KeBaSiC
A tool for keyword extraction from webpages
Installation
KeBaSic is written in Python 3, and is required at least Python 3.5. In order to install the required dependencies run:
pip install -r requirements.txt
The tool also requires installing the following programs:
-
Stanford CoreNLP Server. It requires different files:
- The server from https://stanfordnlp.github.io/CoreNLP/;
- The language specific jar file from https://stanfordnlp.github.io/CoreNLP/download.html;
- The language properties file from https://github.com/stanfordnlp/CoreNLP/blob/master/src/edu/stanford/nlp/pipeline/StanfordCoreNLP-spanish.properties
Place the language specific jar and properties file in the server folder.
-
TreeTagger from http://www.cis.uni-muenchen.de/%7Eschmid/tools/TreeTagger/
-
WEKA from https://www.cs.waikato.ac.nz/ml/weka/downloading.html, and install the LibSVM package from WEKA's package managere.
Usage
Keyword Extraction
- Edit the config.json file with the input and the output files
- In the composed.py file change the reader and the writer class according to the desired input/output (see kebasicio module for all the possible IO and interfaces)
- Start CoreNLP server with
java -Xmx12g -cp "*" edu.stanford.nlp.pipeline.StanfordCoreNLPServer -serverProperties StanfordCoreNLP-spanish.properties -timeout 60000
- Run
python application.py -input_path="../data/test.json" [-out_path="../output/keywords_extraction/results_test.json" -std_out -log -log_path="../log"]
Where the arguments in the square brackets are optional. The arguments are:
- out_path: The path where the results will be saved, if is not specified there will be no saved results.

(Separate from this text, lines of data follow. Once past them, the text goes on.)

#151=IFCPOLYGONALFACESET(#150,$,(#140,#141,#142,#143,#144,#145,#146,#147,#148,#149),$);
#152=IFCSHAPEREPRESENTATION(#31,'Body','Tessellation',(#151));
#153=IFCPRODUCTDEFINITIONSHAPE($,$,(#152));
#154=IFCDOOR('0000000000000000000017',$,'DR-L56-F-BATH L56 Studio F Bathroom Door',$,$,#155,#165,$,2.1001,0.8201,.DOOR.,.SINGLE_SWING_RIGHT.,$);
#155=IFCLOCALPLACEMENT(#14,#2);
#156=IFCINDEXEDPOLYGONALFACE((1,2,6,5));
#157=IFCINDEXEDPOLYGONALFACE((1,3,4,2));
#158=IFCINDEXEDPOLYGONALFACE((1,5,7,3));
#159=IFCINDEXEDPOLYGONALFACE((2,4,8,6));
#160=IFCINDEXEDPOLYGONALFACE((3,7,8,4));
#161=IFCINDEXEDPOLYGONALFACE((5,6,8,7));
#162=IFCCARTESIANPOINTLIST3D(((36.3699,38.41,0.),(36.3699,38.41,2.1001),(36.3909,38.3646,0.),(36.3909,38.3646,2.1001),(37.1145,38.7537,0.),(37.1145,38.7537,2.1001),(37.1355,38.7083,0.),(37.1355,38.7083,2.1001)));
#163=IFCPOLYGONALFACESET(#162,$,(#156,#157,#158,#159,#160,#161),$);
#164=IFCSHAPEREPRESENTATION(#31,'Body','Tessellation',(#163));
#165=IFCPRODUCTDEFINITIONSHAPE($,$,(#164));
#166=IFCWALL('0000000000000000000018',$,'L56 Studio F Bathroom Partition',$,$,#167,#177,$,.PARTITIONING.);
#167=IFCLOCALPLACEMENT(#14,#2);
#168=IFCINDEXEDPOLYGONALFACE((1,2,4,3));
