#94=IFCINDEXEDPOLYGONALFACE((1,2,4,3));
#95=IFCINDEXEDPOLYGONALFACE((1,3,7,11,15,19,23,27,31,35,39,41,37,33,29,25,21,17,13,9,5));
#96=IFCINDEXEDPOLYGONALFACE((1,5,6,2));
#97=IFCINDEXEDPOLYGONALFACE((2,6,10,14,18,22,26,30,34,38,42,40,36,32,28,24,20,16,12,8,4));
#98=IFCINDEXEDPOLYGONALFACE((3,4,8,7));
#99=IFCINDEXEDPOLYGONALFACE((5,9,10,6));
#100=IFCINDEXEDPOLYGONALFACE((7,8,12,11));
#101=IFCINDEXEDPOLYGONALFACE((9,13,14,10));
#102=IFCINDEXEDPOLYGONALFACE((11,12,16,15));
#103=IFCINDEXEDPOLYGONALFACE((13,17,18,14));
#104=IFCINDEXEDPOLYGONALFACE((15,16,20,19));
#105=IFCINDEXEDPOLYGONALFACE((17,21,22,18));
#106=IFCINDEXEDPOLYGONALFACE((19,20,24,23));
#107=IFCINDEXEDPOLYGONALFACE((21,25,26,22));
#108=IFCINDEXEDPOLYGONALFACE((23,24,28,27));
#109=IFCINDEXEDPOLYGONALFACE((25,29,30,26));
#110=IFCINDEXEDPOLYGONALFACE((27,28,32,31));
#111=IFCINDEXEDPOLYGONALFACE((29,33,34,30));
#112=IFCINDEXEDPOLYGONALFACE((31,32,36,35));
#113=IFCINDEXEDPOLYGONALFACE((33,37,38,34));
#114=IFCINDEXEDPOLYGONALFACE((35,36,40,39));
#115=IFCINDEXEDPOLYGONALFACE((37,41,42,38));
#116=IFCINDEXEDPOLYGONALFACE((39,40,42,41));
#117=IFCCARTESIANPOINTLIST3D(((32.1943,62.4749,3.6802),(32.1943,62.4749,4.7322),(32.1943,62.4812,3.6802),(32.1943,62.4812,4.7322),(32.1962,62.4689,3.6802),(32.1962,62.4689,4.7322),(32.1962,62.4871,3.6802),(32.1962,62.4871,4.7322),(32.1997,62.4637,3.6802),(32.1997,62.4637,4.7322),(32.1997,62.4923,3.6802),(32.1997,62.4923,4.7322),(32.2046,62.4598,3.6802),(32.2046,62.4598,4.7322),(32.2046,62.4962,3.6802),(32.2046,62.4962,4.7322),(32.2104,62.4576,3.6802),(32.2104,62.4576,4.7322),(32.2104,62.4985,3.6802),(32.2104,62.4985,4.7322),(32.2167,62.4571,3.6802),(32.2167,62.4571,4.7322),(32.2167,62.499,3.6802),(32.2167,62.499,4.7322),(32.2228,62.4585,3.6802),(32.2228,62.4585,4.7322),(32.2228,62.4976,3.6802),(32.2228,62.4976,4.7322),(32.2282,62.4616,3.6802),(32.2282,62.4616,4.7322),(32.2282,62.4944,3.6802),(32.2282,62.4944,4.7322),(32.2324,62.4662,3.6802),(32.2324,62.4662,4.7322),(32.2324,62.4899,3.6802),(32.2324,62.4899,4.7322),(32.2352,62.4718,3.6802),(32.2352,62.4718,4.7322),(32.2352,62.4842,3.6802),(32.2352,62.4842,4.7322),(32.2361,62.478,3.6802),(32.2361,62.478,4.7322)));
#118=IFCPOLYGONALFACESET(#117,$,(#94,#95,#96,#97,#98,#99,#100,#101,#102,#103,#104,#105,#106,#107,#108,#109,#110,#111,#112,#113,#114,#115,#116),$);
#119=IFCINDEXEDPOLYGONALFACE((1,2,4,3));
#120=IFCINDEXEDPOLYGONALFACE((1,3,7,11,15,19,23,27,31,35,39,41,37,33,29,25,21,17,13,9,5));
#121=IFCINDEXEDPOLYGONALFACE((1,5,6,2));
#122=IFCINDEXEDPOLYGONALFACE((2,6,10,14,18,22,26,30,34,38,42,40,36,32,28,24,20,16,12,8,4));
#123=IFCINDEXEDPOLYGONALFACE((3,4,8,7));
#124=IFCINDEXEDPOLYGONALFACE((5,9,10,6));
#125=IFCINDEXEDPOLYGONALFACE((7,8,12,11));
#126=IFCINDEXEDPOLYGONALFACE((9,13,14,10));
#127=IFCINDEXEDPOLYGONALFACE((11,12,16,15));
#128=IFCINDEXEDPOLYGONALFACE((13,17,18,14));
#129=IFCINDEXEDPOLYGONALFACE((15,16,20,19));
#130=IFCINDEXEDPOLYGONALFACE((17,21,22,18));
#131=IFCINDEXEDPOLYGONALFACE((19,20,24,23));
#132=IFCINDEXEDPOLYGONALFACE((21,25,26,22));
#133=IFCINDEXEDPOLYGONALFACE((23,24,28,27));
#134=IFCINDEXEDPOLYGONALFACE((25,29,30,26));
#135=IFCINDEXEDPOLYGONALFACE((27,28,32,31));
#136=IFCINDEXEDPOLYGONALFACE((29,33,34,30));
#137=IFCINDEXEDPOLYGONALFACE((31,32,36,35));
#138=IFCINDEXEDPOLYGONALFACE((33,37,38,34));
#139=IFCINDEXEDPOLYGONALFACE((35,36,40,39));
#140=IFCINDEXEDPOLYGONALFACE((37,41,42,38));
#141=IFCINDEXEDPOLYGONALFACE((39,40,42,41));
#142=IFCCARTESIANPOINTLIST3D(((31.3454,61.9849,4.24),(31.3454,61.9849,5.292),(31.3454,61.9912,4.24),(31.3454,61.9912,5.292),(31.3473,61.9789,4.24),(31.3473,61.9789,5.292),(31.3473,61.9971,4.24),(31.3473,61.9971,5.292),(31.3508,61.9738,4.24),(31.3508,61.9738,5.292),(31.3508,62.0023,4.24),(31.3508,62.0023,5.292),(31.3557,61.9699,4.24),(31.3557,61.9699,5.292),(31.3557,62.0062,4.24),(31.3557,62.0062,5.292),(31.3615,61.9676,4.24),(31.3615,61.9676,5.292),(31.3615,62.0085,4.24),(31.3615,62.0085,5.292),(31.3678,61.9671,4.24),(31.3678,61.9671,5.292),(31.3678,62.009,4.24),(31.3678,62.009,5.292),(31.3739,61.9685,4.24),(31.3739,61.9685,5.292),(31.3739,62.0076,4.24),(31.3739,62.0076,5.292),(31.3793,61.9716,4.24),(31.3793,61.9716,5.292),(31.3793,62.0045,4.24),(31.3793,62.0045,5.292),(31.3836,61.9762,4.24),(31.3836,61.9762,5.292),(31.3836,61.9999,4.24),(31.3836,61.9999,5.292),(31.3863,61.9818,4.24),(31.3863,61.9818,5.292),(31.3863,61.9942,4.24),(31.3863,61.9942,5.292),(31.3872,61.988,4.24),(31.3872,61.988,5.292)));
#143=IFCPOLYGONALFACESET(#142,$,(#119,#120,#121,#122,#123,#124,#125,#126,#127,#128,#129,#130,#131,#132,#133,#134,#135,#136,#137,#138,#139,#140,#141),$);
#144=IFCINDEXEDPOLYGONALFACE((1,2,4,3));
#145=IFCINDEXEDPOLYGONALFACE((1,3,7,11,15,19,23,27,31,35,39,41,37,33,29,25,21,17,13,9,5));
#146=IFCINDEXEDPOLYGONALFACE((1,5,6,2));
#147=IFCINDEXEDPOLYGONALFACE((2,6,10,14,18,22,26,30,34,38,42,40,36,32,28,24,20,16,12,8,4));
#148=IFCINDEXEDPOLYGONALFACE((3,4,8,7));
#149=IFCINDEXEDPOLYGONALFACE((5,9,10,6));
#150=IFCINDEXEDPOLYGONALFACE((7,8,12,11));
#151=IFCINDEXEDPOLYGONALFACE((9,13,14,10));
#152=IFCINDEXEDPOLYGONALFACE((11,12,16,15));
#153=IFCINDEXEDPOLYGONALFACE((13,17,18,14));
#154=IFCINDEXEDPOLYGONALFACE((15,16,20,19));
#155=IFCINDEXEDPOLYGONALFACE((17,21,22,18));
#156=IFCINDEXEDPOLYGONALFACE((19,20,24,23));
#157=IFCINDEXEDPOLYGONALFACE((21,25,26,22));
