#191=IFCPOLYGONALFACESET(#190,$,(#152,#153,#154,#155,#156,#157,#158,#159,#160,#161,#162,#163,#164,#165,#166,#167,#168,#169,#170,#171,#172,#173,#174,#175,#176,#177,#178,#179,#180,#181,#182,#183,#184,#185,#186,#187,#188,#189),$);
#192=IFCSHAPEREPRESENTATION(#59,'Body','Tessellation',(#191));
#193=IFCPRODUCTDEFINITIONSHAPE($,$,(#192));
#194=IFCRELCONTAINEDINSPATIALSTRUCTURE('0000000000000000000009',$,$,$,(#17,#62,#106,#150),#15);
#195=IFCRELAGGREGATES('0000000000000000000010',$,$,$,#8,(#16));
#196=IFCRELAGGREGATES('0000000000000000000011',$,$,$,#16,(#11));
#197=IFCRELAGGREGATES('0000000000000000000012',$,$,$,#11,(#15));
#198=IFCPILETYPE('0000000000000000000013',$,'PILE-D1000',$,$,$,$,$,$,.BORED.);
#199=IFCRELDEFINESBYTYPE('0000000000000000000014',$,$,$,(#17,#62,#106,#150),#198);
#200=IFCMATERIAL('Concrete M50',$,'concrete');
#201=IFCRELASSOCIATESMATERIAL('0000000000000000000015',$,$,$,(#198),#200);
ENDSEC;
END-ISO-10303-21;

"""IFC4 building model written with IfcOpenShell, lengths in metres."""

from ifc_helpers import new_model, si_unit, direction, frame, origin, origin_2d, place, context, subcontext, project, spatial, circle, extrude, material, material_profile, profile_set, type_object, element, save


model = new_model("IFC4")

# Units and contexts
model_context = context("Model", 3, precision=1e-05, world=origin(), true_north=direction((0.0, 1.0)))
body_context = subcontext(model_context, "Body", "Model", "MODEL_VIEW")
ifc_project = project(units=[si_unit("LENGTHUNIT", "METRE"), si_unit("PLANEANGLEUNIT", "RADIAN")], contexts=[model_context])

- std_out: Enables the print of the results on standard output, if not specified, no result will be printed on standard output
- log: Enables the logging, if non specified the logging will not be enabled
- log_path: Defines the path where the logs will be saved, if not defined the log will only be printed on standard output
NOTES:
- CoreNLP server requires at least 8GB of RAM; higher is better for allowing to process larger webpages.
- Set CoreNLP timeout to at least a minute in order to allow the processing of large webpages
Dataset Creation
-
Create the queries by running the scripts file with the following command:
python scripts.py query --template "../resources/ES/query/templates/bing.txt" --keys "../resources/ES/query/keywords.txt" --out "result_query.txt"
-
Exploit Bing for searching relevant web links to the queries using: https://github.com/NikolaiT/GoogleScraper. Run:
GoogleScraper -m http --keyword-file keywords.txt --num-workers 10 --proxy-file proxies.txt --search-engines "bing" --output-filename output.json
3 - Collect the webpages, prerocess them and generate the files for the model training. For the best result check if the following classes are in the preprocessing:
"textprocessing.cleaner.MailCleaner",
"textprocessing.cleaner.URLCleaner",
"textprocessing.cleaner.WordsWithNumbersCleaner",
"textprocessing.cleaner.NonPunctuationSymbolsCleaner",
"textprocessing.cleaner.CommonWords",
"textprocessing.cleaner.LocationsCleaner",
"textprocessing.cleaner.StopWordsCleaner",
"textprocessing.cleaner.PunctuationSpacesCleaner",
"textprocessing.cleaner.MultipleSpacesCleaner",
"textprocessing.cleaner.Clean4SQL",
"textprocessing.cleaner.PunctuationCleaner",
"textprocessing.stemmer.Stemmer"
The run:
python scripts.py dataset --input "../data/GoogleScraper_test_results.json" --out "../data/train_dataset" --workers 8
Classification Training:
Train the model:
python scripts.py train --input "../data/train_dataset_lvl1.csv" --out "../data/model_lvl1_test.model"
Modules Description
Basic description for the different modules. See docs for more info.
kebasic.domain
Contains the classes that represent the domain specific objects
kebasic.execution
Contains the different pipelines used in the program
kebasic.feature
Contains the different algorithms for keyword extraction and score merging
kebasic.kebasicio
Contains the classes responsible for the IO
kebasic.scraper
Contains the scrapy code for crawling webpages
kebasic.textprocessing
Contains the different algorithms for cleaning and processing of the text
kebasic.utils
Contains various code used for heterogeneous task
Resources
In this section are presented the editable resources in order to allow the customization of the tool. These files can be language dependant or independent. The language specific files are placed in the language folder.
Stopwords
The file stopwords contains common words of the specific language. This file can be modified to remove unwanted words to be extracted as keywords.
NOTE: The tool uses stopwords as separator of keywords, so the words present in this file will not imply that the word will not be present in the results.
Commonwords
The common words file contains undesired and words that are common on websites (e.g Facebook/share/login and more). These words will be removed before preprocessing with other algorithms. These words will not be present in the keywords.
Location Names
This files contains the names of possible location that are undesired.